Но они не выходили даже в сад. Они сидели на балюстраде у входа на галерею очень близко друг к другу и разговаривали. Я вынужден был прислониться к стене, чтобы не упасть. Я ожидал самого худшего и теперь ощутил порыв настоящей растроганной благодарности за то, что эта женщина все же не дошла до предела низости. Со странным спокойствием возвратился я к карточному столу.
Увеселение завершилось на заре. Большинство гостей уехало. Оставалось еще несколько игроков, которые, спустив за ночь большие деньги, пытались теперь, бледные, с посиневшими губами, отыграться одним ударом, но теряли все больше и больше; игра перестала быть развлечением и приобрела оттенок вульгарного трагизма. Они шлепали картами по столу и так много курили, что пепельницы, которые никто не опорожнял, были полны раздавленными окурками. На галерее и на веранде — кто за столом с остатками ужина, кто в плетеных креслах — сидели жены запоздалых игроков (с горечью во рту, но со свеженакрашенными губами), а также хозяева и несколько юных парочек, которые все не решались распрощаться, и каждое новое ощущение помогало их сильному молодому организму преодолевать усталость.
Теперь они наблюдали за восходом солнца, которое обливало золотым потоком светлую зелень виноградников и темную зелень лесов. Свежестью и прохладой веяло над городком в долине, готовой проснуться, но здесь, наверху, эта свежесть все же не могла победить физического изнеможения. Я с горячим нетерпением ожидал решительного объяснения с женой, но она вовсе не собиралась уходить, ибо никак не могла с ним расстаться. (О чем они столько говорят? Что «обсуждают»? В каких выражениях? На какие события намекают? Что могут они сказать друг другу? Ведь я никак не мог представить себе мою жену, беседующую с кем-нибудь, кроме меня.)
Пришлось еще наведаться в подвал к соседу-виноделу, который не отпустил нас, пока мы не попробовали прямо из бочки удивительного опохмеляющего средства — стаканчика золотистого, тяжелого, как растительное масло, винца, от которого сразу светлела голова.

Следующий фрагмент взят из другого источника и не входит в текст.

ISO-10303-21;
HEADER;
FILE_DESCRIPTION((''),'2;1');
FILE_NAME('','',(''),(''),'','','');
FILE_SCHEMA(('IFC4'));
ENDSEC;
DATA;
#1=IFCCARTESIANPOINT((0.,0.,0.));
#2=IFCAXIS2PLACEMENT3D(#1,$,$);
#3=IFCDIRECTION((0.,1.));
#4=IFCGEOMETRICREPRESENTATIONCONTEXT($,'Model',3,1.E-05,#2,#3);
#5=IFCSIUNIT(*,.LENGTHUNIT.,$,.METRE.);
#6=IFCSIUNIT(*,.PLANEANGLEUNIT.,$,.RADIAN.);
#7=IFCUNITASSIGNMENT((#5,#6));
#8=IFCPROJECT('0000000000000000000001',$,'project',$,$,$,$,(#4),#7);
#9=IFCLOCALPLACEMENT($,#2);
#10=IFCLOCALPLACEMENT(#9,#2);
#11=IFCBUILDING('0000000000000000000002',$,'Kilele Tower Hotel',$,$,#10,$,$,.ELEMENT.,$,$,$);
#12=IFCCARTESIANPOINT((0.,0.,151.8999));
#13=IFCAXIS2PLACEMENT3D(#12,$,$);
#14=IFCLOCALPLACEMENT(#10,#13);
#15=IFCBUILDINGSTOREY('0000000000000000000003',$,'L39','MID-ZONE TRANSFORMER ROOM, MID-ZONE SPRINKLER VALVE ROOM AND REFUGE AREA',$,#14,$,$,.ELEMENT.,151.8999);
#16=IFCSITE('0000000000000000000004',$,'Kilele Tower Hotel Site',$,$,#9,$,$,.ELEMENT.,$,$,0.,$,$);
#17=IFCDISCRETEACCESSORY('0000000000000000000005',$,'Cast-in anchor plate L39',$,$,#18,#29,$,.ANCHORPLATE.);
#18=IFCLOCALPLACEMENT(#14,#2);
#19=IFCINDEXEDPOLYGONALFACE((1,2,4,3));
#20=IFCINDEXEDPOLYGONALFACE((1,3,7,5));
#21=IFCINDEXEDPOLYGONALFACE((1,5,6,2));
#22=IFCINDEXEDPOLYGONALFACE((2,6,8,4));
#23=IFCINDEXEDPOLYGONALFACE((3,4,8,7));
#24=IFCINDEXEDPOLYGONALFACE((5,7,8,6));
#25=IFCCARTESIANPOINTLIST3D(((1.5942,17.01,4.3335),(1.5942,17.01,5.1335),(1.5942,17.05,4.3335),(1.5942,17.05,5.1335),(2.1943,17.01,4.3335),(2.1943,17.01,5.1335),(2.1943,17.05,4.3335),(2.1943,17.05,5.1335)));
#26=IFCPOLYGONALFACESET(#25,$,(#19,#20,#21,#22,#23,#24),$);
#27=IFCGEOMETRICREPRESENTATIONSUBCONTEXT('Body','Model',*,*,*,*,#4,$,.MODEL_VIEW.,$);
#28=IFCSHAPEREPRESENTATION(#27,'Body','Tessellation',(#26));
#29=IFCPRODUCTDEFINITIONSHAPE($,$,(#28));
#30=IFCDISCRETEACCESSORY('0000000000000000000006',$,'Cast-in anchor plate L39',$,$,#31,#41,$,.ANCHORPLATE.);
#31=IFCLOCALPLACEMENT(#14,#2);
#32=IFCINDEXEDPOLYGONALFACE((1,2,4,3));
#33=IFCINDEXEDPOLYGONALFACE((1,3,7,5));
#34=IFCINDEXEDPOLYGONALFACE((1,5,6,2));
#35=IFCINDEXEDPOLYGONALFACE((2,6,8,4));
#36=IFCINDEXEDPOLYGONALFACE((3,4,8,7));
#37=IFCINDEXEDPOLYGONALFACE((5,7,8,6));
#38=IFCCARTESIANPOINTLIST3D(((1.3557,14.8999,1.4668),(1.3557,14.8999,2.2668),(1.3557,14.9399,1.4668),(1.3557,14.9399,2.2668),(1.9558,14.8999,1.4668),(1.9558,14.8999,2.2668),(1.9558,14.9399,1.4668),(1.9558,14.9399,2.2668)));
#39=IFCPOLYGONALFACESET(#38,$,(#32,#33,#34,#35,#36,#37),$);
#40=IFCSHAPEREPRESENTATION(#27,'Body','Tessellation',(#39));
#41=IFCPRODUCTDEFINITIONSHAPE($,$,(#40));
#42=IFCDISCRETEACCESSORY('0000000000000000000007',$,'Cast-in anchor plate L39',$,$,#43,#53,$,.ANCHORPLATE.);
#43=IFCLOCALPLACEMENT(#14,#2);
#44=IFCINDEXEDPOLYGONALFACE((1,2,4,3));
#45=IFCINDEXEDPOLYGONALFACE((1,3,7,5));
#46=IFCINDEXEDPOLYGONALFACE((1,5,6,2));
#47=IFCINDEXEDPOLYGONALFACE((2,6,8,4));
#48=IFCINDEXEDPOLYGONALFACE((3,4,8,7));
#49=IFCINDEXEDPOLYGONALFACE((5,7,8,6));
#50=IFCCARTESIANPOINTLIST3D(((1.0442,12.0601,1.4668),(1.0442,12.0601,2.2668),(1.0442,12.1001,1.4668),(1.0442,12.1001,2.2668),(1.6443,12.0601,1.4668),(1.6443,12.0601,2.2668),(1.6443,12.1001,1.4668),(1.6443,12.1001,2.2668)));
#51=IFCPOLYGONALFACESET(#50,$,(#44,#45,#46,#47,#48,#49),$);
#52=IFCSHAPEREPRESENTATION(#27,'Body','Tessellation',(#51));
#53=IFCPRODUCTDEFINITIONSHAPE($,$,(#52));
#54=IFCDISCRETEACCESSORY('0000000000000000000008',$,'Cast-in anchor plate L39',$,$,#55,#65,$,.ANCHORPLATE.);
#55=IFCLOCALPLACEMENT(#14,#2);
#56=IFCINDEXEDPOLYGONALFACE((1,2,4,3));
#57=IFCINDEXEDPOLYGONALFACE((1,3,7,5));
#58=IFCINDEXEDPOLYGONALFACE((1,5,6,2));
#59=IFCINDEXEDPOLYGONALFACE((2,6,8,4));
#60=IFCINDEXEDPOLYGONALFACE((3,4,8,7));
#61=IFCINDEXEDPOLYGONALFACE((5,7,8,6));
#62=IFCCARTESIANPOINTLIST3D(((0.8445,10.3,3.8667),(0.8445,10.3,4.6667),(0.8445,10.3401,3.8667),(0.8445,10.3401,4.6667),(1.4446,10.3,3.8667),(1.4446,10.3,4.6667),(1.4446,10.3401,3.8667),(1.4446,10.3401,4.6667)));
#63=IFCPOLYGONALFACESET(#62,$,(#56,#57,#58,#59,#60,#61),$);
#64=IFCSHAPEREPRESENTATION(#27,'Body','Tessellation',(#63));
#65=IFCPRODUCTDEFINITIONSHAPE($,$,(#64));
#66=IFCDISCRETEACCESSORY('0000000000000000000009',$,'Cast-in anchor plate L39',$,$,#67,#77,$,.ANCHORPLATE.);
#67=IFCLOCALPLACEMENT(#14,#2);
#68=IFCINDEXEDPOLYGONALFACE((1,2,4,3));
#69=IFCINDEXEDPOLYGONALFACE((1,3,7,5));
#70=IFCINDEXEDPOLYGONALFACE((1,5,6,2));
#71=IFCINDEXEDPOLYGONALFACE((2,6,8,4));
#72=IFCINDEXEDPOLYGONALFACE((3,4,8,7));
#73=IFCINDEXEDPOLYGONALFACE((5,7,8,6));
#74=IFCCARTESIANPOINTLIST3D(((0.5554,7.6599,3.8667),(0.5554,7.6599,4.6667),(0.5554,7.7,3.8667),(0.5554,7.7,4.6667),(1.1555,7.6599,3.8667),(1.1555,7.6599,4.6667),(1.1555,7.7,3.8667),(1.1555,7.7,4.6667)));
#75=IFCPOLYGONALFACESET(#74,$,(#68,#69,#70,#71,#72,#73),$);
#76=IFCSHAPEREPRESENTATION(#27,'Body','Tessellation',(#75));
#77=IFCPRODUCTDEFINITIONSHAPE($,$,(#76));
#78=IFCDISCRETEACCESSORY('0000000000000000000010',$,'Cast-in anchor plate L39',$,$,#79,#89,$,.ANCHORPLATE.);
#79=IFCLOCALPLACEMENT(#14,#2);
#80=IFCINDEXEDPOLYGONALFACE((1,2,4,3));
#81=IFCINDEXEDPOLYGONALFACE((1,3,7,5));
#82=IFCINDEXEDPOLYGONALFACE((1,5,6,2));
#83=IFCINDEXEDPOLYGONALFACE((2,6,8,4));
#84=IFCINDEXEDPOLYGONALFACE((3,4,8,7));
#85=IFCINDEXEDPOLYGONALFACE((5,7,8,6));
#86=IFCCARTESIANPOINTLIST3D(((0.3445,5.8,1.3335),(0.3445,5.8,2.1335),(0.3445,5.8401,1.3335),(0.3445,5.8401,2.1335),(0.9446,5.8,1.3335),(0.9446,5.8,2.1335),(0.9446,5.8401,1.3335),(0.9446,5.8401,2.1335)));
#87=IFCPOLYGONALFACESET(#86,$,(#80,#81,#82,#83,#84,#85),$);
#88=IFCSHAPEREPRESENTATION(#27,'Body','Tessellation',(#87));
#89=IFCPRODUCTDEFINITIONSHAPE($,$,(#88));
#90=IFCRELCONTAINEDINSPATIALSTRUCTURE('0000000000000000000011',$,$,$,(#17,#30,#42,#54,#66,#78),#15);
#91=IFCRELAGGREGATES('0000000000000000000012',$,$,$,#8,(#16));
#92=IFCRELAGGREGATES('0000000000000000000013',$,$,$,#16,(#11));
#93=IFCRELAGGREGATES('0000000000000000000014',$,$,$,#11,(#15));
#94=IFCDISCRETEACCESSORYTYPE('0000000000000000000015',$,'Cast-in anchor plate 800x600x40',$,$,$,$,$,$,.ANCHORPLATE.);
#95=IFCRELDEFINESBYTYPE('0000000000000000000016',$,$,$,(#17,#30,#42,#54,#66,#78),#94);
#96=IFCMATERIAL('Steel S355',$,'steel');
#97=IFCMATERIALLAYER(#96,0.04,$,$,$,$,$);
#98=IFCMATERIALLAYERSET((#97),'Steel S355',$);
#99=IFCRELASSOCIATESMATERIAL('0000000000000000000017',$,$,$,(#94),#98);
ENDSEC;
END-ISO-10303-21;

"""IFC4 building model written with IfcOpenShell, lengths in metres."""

from ifc_helpers import new_model, si_unit, direction, frame, origin, place, context, subcontext, project, spatial, polyline, outline, extrude, source, transform, mapped, material, layer, layer_set, type_object, element, save


model = new_model("IFC4")

# Units and contexts
model_context = context("Model", 3, precision=1e-05, world=origin(), true_north=direction((0.0, 1.0)))
body_context = subcontext(model_context, "Body", "Model", "MODEL_VIEW")
ifc_project = project(units=[si_unit("LENGTHUNIT", "METRE"), si_unit("PLANEANGLEUNIT", "RADIAN")], contexts=[model_context])

# Site, building, storey
site_placement = place(None, origin())
site = spatial("IfcSite", under=ifc_project, at=site_placement, Name="Kilele Tower Hotel Site", CompositionType="ELEMENT", RefElevation=0.0)
building_placement = place(site_placement, origin())
building = spatial("IfcBuilding", under=site, at=building_placement, Name="Kilele Tower Hotel", CompositionType="ELEMENT")
storey_placement = place(building_placement, frame((0.0, 0.0, 151.8999)))
storey = spatial("IfcBuildingStorey", under=building, at=storey_placement, Name="L39", Description="MID-ZONE TRANSFORMER ROOM, MID-ZONE SPRINKLER VALVE ROOM AND REFUGE AREA", CompositionType="ELEMENT", Elevation=151.8999)

# Discrete accessories
ifc_material_1 = material(Name="Steel S355", Category="steel")
ifc_layer_1 = layer(ifc_material_1, 0.04)
ifc_layer_set_1 = layer_set([ifc_layer_1], Name="Steel S355")
discrete_accessory_type_1 = type_object("IfcDiscreteAccessoryType", Name="Cast-in anchor plate 800x600x40", PredefinedType="ANCHORPLATE", material=ifc_layer_set_1)
shared_shape_1 = source(origin(), body_context, "Body", "SweptSolid", [
    extrude(outline(polyline([(0.0, 0.0), (0.04, 0.0), (0.04, 0.8), (0.0, 0.8), (0.0, 0.0)])), origin(), (0.0, 0.0, 1.0), 0.6001),
])
for number, where, z_axis, x_axis, name in (
    (1, (2.1943, 17.05, 4.3335), (-1.0, 0.0, 0.0), (0.0, -1.0, 0.0), "Cast-in anchor plate L39"),
    (2, (1.3557, 14.8999, 1.4668), (1.0, 0.0, 0.0), (0.0, 1.0, 0.0), "Cast-in anchor plate L39"),
    (3, (1.6443, 12.1001, 1.4668), (-1.0, 0.0, 0.0), (0.0, -1.0, 0.0), "Cast-in anchor plate L39"),
    (4, (0.8445, 10.3, 3.8667), (1.0, 0.0, 0.0), (0.0, 1.0, 0.0), "Cast-in anchor plate L39"),
    (5, (1.1555, 7.7, 3.8667), (-1.0, 0.0, 0.0), (0.0, -1.0, 0.0), "Cast-in anchor plate L39"),
    (6, (0.3445, 5.8, 1.3335), (1.0, 0.0, 0.0), (0.0, 1.0, 0.0), "Cast-in anchor plate L39"),
):
    element("IfcDiscreteAccessory", number, at=place(storey_placement, frame(where, z_axis=z_axis, x_axis=x_axis)), inside=storey, type_object=discrete_accessory_type_1, Name=name, PredefinedType="ANCHORPLATE", context=body_context, shape_type="MappedRepresentation", body=[
        mapped(shared_shape_1, transform((0.0, 0.0, 0.0))),
    ])

save(model, "model.ifc")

Солнце уже стояло высоко, когда мы оказались у себя в комнате с широкой и низкой кроватью, шелковыми занавесками, с чужими фотографиями на стенах, с книгами, страницы которых чужое внимание отметило закладками, с откупоренными чужими руками флаконами духов и одеколона на туалетном столике с качающимся зеркалом.
Я раздевался и, не собираясь заводить с женой «академическую» дискуссию, сказал ей ледяным тоном:
— Послушай, дорогая, надеюсь, мне больше никогда не придется переживать таких мгновений, какие я перенес вчера и сегодня.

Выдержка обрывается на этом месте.